Wenn du keine Änderungen in der server.xml machen darfst könntest du dir folgendes mal ansehen:
http://jakarta.apache.org/tomcat/tomcat-5.0-doc/deployer-howto.html

Erstell innerhalb deiner Web-Anwendung  (.war Datei) ein Verzeichnis namens META-INF dort hinterlegst du dann eine xml Datei mit den Einstellungen für den jeweiligen Applikations Kontext (Datenquellen, Realms etc...) Die xml Datei muss so heißen wie deine Web App. Heißt diese z.Bsp asw muss der Name der Datei asw.xml lauten.

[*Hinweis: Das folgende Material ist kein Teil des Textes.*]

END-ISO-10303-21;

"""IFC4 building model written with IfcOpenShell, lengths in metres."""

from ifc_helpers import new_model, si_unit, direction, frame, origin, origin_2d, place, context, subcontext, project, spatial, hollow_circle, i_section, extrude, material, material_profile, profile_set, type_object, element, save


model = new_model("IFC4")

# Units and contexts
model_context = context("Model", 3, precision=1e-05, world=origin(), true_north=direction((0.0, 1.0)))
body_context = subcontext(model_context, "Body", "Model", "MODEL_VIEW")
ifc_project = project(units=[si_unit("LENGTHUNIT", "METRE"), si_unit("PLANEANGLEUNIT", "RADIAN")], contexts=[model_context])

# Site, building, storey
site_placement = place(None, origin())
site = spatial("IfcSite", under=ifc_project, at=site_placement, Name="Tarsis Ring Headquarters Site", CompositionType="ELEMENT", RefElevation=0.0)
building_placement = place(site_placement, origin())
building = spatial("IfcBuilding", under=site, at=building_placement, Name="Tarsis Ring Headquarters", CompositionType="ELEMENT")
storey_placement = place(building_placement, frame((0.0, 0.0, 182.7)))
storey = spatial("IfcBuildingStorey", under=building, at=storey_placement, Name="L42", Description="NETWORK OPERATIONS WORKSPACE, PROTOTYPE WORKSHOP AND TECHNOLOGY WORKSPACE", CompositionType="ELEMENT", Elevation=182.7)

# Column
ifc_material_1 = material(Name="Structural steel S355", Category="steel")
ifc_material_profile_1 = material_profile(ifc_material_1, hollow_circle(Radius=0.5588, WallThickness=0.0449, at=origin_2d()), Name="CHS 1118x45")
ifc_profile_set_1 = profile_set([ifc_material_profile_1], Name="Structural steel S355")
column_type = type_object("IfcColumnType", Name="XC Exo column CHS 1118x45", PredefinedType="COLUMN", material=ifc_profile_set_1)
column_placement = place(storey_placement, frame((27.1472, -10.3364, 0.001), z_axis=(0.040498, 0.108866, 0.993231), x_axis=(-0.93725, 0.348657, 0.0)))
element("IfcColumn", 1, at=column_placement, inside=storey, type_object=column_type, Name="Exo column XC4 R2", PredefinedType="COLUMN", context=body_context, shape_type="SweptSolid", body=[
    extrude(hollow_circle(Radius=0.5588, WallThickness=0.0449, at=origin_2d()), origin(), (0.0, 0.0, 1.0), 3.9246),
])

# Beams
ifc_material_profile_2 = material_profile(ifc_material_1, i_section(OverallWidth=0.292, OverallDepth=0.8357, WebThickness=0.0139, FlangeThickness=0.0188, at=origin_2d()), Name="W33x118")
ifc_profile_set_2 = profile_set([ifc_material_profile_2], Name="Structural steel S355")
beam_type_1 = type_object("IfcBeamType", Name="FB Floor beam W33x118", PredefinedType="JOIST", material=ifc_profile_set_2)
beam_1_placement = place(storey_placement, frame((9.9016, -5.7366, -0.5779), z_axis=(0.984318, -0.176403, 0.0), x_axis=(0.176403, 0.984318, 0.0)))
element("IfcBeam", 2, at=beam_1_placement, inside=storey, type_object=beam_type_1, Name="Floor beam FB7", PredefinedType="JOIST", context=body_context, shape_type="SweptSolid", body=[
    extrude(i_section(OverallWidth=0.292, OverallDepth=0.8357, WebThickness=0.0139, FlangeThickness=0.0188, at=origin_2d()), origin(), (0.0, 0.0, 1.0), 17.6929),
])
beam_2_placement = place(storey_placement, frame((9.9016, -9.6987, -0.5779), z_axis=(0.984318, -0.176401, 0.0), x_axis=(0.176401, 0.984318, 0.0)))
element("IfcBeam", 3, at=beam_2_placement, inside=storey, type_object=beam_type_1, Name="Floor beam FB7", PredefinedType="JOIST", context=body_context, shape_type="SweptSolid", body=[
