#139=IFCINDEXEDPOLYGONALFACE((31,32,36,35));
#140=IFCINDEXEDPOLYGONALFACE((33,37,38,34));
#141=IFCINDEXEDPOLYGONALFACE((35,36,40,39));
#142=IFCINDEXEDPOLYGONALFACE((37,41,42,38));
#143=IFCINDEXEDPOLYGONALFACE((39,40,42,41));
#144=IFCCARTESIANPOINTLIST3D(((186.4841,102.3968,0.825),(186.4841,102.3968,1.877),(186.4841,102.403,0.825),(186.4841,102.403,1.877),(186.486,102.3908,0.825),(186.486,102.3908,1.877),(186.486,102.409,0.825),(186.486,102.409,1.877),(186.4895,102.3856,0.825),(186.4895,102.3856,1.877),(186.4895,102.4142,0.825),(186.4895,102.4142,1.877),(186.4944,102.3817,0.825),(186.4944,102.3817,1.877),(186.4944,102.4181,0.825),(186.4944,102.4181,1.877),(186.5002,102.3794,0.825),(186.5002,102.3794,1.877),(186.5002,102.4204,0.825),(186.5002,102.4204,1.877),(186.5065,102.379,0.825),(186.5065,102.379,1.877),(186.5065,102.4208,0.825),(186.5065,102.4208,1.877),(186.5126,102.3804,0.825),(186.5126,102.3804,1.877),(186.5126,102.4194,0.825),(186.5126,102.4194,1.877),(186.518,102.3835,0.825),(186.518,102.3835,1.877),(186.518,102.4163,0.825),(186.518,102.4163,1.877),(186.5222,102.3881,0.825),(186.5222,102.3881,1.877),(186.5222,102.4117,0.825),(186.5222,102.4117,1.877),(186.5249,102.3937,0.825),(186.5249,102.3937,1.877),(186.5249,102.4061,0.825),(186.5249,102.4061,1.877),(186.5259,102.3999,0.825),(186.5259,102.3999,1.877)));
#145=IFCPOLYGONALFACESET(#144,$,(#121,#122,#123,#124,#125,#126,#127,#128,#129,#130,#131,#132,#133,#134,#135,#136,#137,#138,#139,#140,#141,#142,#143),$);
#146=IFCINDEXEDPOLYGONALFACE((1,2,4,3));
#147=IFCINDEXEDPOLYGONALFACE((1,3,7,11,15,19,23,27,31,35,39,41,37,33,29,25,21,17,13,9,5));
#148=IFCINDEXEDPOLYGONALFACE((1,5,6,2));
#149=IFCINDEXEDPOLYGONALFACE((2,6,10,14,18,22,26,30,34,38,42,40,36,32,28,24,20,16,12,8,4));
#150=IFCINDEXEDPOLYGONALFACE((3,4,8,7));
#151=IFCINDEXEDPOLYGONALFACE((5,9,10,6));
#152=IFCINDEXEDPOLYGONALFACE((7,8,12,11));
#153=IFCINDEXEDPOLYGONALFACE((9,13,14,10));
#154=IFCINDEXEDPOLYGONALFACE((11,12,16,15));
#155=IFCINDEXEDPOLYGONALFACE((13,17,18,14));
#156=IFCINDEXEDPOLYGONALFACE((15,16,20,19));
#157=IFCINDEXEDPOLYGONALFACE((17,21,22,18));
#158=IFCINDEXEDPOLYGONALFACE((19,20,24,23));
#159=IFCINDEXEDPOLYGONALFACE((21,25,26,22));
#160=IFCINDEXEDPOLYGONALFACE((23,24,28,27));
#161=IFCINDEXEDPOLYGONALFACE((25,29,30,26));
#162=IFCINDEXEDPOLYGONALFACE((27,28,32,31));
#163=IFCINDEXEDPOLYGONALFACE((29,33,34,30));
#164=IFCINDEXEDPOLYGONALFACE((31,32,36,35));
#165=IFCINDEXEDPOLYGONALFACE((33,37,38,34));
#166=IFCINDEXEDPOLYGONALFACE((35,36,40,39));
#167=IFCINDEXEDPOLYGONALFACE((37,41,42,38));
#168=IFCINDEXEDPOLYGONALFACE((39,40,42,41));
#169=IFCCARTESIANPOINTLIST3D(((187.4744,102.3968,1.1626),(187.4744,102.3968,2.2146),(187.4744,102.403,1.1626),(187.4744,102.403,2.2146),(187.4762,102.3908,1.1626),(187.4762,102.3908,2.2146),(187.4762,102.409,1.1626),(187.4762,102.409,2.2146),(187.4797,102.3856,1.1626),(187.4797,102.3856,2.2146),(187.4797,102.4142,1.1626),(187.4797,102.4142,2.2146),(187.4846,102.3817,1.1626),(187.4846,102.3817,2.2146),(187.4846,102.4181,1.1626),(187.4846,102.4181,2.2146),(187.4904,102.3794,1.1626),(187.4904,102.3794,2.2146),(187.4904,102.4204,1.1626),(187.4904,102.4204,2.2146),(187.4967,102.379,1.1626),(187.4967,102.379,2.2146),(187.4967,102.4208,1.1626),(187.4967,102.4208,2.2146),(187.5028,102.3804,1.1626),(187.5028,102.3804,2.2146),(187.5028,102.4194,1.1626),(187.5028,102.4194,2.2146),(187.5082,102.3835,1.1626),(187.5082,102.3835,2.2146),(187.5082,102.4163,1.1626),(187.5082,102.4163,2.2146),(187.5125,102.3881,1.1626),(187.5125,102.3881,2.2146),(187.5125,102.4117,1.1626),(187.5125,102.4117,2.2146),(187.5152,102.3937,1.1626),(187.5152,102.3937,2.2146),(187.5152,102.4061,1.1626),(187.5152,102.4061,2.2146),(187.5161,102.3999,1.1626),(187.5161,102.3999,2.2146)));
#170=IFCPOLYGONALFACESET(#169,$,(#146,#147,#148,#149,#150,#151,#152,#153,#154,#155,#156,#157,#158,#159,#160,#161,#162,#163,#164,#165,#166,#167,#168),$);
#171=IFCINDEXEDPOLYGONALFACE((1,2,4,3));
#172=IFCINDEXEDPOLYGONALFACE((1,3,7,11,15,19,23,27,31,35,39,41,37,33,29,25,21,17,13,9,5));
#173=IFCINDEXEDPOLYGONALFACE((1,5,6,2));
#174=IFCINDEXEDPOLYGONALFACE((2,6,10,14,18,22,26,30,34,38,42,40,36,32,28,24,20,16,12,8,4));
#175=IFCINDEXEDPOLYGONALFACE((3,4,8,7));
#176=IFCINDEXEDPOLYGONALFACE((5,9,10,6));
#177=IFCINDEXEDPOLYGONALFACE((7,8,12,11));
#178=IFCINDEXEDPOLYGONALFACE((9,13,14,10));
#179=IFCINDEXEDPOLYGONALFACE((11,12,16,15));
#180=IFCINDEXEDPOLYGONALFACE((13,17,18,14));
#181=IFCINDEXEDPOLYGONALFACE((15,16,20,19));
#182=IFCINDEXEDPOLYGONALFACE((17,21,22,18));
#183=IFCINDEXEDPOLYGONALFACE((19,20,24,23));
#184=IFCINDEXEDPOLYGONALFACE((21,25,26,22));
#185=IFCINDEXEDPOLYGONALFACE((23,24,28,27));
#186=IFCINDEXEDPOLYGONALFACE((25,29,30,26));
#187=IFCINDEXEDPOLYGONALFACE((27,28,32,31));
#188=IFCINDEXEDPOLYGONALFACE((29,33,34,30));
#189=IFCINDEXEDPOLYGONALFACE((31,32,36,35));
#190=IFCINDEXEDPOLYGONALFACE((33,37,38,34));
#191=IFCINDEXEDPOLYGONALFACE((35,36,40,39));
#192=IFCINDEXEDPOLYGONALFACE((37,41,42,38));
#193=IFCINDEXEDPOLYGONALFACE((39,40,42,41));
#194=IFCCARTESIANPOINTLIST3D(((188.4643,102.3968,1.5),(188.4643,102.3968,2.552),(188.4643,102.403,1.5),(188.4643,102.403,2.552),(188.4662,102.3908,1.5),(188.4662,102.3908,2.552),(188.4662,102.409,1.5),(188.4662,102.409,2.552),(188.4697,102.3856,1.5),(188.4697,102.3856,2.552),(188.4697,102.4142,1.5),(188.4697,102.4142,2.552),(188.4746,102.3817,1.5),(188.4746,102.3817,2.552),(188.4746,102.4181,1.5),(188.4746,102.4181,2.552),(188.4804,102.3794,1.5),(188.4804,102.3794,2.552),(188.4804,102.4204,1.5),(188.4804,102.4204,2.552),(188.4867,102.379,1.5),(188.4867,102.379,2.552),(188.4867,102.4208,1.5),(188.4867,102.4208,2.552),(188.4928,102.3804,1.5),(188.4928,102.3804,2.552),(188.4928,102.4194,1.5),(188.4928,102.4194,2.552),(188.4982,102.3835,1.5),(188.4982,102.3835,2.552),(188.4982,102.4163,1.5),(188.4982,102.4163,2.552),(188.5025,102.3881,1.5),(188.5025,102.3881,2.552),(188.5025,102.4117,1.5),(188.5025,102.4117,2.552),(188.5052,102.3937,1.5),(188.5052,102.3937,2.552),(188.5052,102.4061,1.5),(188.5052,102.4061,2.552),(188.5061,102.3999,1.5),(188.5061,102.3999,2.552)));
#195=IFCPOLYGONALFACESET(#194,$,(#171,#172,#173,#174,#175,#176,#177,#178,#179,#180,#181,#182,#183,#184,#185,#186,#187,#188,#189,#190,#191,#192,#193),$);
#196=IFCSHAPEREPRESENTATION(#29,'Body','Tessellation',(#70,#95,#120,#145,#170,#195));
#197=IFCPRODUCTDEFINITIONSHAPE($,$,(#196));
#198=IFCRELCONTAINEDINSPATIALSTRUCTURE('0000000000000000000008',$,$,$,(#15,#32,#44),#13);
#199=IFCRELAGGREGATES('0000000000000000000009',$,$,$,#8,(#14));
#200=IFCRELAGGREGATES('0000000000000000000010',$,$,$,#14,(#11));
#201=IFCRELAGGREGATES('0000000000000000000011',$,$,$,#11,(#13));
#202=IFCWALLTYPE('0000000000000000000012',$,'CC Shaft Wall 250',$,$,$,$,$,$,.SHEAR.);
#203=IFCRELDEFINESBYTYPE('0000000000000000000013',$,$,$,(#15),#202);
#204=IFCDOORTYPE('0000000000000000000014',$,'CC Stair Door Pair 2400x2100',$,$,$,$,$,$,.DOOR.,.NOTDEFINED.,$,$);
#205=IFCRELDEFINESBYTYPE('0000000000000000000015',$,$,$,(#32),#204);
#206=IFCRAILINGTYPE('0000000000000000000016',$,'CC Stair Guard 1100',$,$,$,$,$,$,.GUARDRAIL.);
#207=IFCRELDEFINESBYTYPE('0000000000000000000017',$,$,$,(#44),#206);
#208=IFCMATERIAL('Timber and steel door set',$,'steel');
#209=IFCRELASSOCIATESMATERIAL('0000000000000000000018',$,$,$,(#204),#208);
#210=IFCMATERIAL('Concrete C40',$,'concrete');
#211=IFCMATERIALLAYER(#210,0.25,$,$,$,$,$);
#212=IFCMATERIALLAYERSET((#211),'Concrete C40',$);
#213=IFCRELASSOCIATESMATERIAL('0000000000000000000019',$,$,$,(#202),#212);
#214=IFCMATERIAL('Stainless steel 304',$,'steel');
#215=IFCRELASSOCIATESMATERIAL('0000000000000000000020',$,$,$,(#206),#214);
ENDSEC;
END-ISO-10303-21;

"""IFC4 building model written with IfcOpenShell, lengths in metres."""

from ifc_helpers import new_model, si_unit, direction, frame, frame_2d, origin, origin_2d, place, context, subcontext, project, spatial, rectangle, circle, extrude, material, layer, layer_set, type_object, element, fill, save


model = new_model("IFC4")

Diese Konfigurationsdatei wird nun beim Deployment automatisch vo Tomcat erkannt und ins Verzeichnis CATALINA_HOME/conf/[enginename]/[hostname]/... kopiert.

Gruß Tom


----------



## webmagier (12. Dezember 2004)

Vielen Dank...werds mal probieren....aber hat diese Exception irgendwelche Auswirkungen? Funktionieren tut meine Testklasse ja trotzdem


----------



## vipers (6. Januar 2005)

Hallo, 

damit diese meldung nicht mehr angezeigt wird, musst du in deinem hibernate.cfg.xml das 'name' - Attribute der '<session-factory>' weg lassen...    
So wird nicht versucht die SessionFactory in den JNDI-Namespace zu binden.

--> http://www.hibernate.org/hib_docs/reference/en/html/session-configuration.html

Gruss


----------



## webmagier (6. Januar 2005)

besten Dank, das wars....hat ziemlich genervt vorher....also danke Dir nochmals.


----------